Cody concedes that, because the total number of plants at issue exceeded 1000, he is subject to a statutory minimum sentence of 120 months under 21 U.S.C. § 841(b)(1)(A)(vii). He therefore only challenges the additional 31 months imposed by the district court under the 1990 Guidelines.
The government concedes that Cody is entitled to have his sentenced reviewed in light of Amendment 516, but asserts that the district court's application of the amendment would be discretionary, citing, inter alia, United States v. Aguilar-Ayala, 120 F.3d 176, 178 (9th Cir. 1997); United States v. Ursery, 109 F.3d 1129, 1137 (6th Cir. 1997); United States v. Campbell, No. 95-2464, 1996 WL 102443 (8th Cir. Mar. 11, 1996) (unpublished disposition). However, the cases cited by the government involved prisoners who sought retroactive application of Amendment 516 pursuant to 18 U.S.C. § 3582(c)(2), a statute that authorizes a court to modify a sentence in light of subsequent reductions in the applicable sentencing range. Cody's claim is not based on § 3582(c)(2). Because Amendment 516 was in effect at the time Cody was resentenced in 1998, this case does not call for retroactive application of Amendment 516.
It is quite clear that a court must use the Guidelines in effect on the date a defendant is sentenced.
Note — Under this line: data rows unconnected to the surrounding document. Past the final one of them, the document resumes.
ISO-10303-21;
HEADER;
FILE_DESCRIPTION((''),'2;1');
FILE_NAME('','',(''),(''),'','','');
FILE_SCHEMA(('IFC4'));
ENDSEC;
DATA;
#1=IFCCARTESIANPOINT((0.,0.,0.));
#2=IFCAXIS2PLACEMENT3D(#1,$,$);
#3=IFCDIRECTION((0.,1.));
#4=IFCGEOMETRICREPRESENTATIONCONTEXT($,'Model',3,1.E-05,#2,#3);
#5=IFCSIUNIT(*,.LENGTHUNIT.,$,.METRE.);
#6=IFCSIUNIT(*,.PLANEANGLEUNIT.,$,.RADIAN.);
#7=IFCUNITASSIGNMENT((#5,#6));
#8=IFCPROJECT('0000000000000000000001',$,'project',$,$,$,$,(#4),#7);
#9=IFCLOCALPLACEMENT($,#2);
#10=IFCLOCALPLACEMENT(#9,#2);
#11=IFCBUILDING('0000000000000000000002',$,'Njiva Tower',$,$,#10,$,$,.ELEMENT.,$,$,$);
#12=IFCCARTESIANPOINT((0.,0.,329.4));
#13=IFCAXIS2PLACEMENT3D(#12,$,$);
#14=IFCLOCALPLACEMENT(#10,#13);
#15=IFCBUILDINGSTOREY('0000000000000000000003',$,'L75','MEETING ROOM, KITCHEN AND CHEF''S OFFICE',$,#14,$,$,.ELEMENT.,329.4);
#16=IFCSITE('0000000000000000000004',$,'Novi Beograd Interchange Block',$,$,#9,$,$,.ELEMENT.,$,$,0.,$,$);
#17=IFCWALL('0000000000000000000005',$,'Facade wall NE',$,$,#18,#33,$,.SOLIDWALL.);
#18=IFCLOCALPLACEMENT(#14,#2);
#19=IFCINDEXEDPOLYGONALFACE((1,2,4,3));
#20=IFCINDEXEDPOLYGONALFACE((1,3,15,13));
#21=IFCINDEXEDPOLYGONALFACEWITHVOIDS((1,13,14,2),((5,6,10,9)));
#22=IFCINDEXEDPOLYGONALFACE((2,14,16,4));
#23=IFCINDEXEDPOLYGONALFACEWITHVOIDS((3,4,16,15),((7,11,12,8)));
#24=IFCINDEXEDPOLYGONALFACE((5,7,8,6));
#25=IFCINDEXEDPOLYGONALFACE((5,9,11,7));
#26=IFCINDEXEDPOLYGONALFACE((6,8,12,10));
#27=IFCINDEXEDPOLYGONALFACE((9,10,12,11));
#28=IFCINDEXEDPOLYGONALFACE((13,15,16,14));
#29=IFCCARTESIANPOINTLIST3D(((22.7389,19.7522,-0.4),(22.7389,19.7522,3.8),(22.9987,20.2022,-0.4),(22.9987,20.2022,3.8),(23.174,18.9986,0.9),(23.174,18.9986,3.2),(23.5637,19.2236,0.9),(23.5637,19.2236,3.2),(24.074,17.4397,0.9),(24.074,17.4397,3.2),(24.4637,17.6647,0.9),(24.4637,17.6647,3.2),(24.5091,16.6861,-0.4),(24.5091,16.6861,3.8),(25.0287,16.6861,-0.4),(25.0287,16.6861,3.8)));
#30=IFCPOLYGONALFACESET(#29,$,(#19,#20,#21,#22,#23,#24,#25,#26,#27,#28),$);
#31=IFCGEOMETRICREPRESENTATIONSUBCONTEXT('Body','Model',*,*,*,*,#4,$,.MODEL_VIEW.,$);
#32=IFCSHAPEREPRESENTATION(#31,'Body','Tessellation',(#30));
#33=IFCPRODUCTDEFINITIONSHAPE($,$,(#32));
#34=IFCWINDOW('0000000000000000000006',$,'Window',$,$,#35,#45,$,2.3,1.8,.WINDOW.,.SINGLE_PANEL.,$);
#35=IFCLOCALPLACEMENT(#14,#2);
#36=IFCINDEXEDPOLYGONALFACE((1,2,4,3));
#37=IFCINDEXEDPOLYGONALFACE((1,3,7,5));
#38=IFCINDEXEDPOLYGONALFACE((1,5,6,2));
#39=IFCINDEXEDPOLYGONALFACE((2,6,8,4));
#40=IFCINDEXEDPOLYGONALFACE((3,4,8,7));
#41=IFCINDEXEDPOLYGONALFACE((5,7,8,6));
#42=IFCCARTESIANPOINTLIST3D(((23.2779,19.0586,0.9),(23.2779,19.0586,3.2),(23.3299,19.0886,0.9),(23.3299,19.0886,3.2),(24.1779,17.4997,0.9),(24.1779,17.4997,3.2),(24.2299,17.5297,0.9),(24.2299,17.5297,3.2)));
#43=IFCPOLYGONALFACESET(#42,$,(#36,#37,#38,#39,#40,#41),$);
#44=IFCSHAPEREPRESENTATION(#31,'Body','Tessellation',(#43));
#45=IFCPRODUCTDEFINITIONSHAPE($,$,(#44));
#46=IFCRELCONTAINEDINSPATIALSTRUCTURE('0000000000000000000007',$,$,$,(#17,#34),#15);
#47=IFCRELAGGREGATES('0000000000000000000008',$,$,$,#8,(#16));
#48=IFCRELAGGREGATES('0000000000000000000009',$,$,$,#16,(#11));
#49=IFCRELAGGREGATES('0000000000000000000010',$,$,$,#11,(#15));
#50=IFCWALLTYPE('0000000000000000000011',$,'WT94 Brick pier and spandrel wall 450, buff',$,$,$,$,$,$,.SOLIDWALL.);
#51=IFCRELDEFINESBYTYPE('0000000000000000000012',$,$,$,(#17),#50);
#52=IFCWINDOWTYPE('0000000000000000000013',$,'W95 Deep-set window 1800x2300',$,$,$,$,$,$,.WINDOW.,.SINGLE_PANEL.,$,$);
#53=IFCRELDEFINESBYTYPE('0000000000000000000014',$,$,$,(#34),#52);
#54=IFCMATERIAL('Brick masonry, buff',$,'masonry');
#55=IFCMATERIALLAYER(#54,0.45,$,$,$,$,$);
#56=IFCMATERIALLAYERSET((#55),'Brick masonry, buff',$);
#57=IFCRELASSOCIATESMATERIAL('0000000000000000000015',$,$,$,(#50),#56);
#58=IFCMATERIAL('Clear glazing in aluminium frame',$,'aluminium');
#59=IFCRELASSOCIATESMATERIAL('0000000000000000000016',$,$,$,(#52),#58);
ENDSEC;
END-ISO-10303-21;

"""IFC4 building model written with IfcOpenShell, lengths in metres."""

from ifc_helpers import new_model, si_unit, direction, frame, frame_2d, origin, place, context, subcontext, project, spatial, polyline, rectangle, outline, extrude, material, layer, layer_set, type_object, element, fill, save


model = new_model("IFC4")

# Units and contexts
model_context = context("Model", 3, precision=1e-05, world=origin(), true_north=direction((0.0, 1.0)))
body_context = subcontext(model_context, "Body", "Model", "MODEL_VIEW")
ifc_project = project(units=[si_unit("LENGTHUNIT", "METRE"), si_unit("PLANEANGLEUNIT", "RADIAN")], contexts=[model_context])

# Site, building, storey
site_placement = place(None, origin())
site = spatial("IfcSite", under=ifc_project, at=site_placement, Name="Novi Beograd Interchange Block", CompositionType="ELEMENT", RefElevation=0.0)
building_placement = place(site_placement, origin())
building = spatial("IfcBuilding", under=site, at=building_placement, Name="Njiva Tower", CompositionType="ELEMENT")
storey_placement = place(building_placement, frame((0.0, 0.0, 329.4)))
storey = spatial("IfcBuildingStorey", under=building, at=storey_placement, Name="L75", Description="MEETING ROOM, KITCHEN AND CHEF'S OFFICE", CompositionType="ELEMENT", Elevation=329.4)

# Shared definitions
ifc_material_1 = material(Name="Clear glazing in aluminium frame", Category="aluminium")

# Wall, opening, window
ifc_material_2 = material(Name="Brick masonry, buff", Category="masonry")
ifc_layer_1 = layer(ifc_material_2, 0.45)
ifc_layer_set_1 = layer_set([ifc_layer_1], Name="Brick masonry, buff")
wall_type_1 = type_object("IfcWallType", Name="WT94 Brick pier and spandrel wall 450, buff", PredefinedType="SOLIDWALL", material=ifc_layer_set_1)
wall_1_placement = place(storey_placement, frame((24.7689, 16.6861, -0.4), z_axis=(0.0, 0.0, 1.0), x_axis=(-0.499997, 0.866027, 0.0)))
wall_1 = element("IfcWall", 1, at=wall_1_placement, inside=storey, type_object=wall_type_1, Name="Facade wall NE", PredefinedType="SOLIDWALL", context=body_context, shape_type="SweptSolid", body=[
    extrude(outline(polyline([(-0.1299, -0.225), (3.9301, -0.225), (3.6703, 0.225), (0.1299, 0.225), (-0.1299, -0.225)])), origin(), (0.0, 0.0, 1.0), 4.2),
])
opening_1_placement = place(wall_1_placement, frame((1.0001, 0.0, 1.3)))
opening_1 = element("IfcOpeningElement", 2, at=opening_1_placement, cuts=wall_1, PredefinedType="OPENING", context=body_context, shape_type="SweptSolid", body=[
    extrude(rectangle(XDim=1.8, YDim=2.3, at=frame_2d((0.9, 1.15))), frame((0.0, 0.235, 0.0), z_axis=(0.0, -1.0, 0.0), x_axis=(1.0, 0.0, 0.0)), (0.0, 0.0, 1.0), 0.47),
])
window_type_1 = type_object("IfcWindowType", Name="W95 Deep-set window 1800x2300", PartitioningType="SINGLE_PANEL", PredefinedType="WINDOW", material=ifc_material_1)
window_1_placement = place(opening_1_placement, origin())
window_1 = element("IfcWindow", 3, at=window_1_placement, inside=storey, type_object=window_type_1, Name="Window", OverallHeight=2.3, OverallWidth=1.8, PartitioningType="SINGLE_PANEL", PredefinedType="WINDOW", context=body_context, shape_type="SweptSolid", body=[
    extrude(rectangle(XDim=1.8, YDim=2.3, at=frame_2d((0.9, 1.15))), frame((0.0, 0.105, 0.0), z_axis=(0.0, -1.0, 0.0), x_axis=(1.0, 0.0, 0.0)), (0.0, 0.0, 1.0), 0.06),
])
fill(opening_1, window_1)

save(model, "model.ifc")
See 18 U.S.C. § 3553(a)(4); U.S.S.G. § 1B1.11(a). Likewise, when a district court vacates a sentence and resentences a defendant, as in this case, the court must follow the guidelines in effect at the time of resentencing, subject to the ex post facto clause. See United States v. Easterling, 157 F.3d 1220, 1225 (10th Cir. 1998). Therefore, Cody's 1998 sentence should have been calculated in accordance with the 1998 Guidelines as modified by Amendment 516. The district court's use of the 1990 Guidelines was plain error.
CONCLUSION
We REVERSE the sentence of the district court and REMAND with instructions that the district court vacate Cody's sentence and resentence him under the current Guidelines.
ENTERED FOR THE COURT
David M. Ebel
Circuit Judge
*.* This order and judgment is not binding precedent, except under the doctrines of law of the case, res judicata, and collateral estoppel. This court generally disfavors the citation of orders and judgments; nevertheless, an order and judgment may be cited under the terms and conditions of 10th Cir. R. 36.3.
**.** After examining the briefs and appellate record, this panel has determined unanimously that oral argument would not materially assist the determination of this appeal. See Fed. R. App. P. 34(a)(2); 10th Cir. R. 34.1.9. The cause therefore is ordered submitted without oral argument.
1.This was Cody's second § 2255 motion. His first § 2255 motion, filed in 1995, attacked certain jury instructions. The motion was denied by the district court, and this court affirmed. See United States v. Cody, 83 F.3d 434 (10th Cir. 1996) (unpublished order).